Is $e^x$ the only isomorphism between the groups $(\mathbb{R},+)$ and $(\mathbb{R}_{> 0},*)$?
Solution 1:
Once you have an isomorphism, there are plenty. Take two Hamel bases of $\mathbf{R}$, say $(b_i)$ and $(c_i)$, and define $f$ by $$ f(b_i) = e^{c_i}, $$ extending it by $\mathbf{Q}$-linearity to all of $\mathbf{R}$.
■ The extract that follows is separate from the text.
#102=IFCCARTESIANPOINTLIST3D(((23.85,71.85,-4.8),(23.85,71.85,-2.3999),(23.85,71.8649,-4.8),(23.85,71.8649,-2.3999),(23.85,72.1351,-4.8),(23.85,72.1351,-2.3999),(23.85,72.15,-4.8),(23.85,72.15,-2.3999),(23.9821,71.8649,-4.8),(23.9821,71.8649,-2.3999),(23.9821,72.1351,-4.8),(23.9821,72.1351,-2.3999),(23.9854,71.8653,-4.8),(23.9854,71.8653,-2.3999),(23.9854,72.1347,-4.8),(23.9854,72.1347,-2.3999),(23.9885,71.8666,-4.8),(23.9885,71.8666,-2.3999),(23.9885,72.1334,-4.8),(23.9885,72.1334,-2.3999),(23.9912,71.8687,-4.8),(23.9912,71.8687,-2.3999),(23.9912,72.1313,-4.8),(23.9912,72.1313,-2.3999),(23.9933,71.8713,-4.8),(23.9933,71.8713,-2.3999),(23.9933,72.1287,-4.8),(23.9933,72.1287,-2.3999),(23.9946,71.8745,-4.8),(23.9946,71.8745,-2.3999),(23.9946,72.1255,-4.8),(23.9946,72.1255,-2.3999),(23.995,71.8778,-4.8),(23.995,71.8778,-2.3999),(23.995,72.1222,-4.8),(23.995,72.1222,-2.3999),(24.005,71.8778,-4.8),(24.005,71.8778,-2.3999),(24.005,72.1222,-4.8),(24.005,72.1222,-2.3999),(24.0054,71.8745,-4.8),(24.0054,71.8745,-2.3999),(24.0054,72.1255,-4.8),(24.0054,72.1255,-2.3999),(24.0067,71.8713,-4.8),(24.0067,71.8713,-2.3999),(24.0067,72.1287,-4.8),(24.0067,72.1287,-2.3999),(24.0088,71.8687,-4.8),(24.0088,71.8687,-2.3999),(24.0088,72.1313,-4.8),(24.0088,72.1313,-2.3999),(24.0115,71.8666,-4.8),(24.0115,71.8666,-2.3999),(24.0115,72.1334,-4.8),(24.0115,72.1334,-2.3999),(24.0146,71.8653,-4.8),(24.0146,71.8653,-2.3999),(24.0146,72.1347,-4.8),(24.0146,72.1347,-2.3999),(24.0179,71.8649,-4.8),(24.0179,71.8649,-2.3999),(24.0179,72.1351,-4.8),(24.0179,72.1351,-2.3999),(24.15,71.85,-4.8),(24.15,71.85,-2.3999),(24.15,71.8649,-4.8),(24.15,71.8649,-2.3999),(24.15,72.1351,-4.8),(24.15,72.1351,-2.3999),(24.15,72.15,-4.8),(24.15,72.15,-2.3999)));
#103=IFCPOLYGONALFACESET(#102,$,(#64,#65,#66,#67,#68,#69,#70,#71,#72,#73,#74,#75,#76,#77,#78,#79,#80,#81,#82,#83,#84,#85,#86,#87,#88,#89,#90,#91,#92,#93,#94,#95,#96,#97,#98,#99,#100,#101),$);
PS Of course I am implicitly using here the argument of @Micah and @spin.
Solution 2:
Let $f:\mathbb{R} \to \mathbb{R}^+$ be an isomorphism. Then $g=\log f$ is an automorphism of $(\mathbb{R}, +)$: that is, it satisfies $$ g(x+y)=g(x)+g(y) \, . $$ This is Cauchy's functional equation. The only continuous (or even measurable) solutions are the trivial ones (which correspond to $f(x)=e^{cx}$), but there are also exotic solutions that require some version of the axiom of choice to construct — which would yield similarly exotic $f$s.
Solution 3:
$f:\mathbb{R}\rightarrow\mathbb{R}^{+} \text{ satisfying } f(x+y)=f(x)f(y)$, $f$ continuous, then $f(x)=e^{cx}$
Try to solve this problem Any Lie Group Homomorphism from $\mathbb{R}\rightarrow S^1$ is of the form $e^{iax}$ for some $a\in\mathbb{R}$ and every such homomorphism is smooth.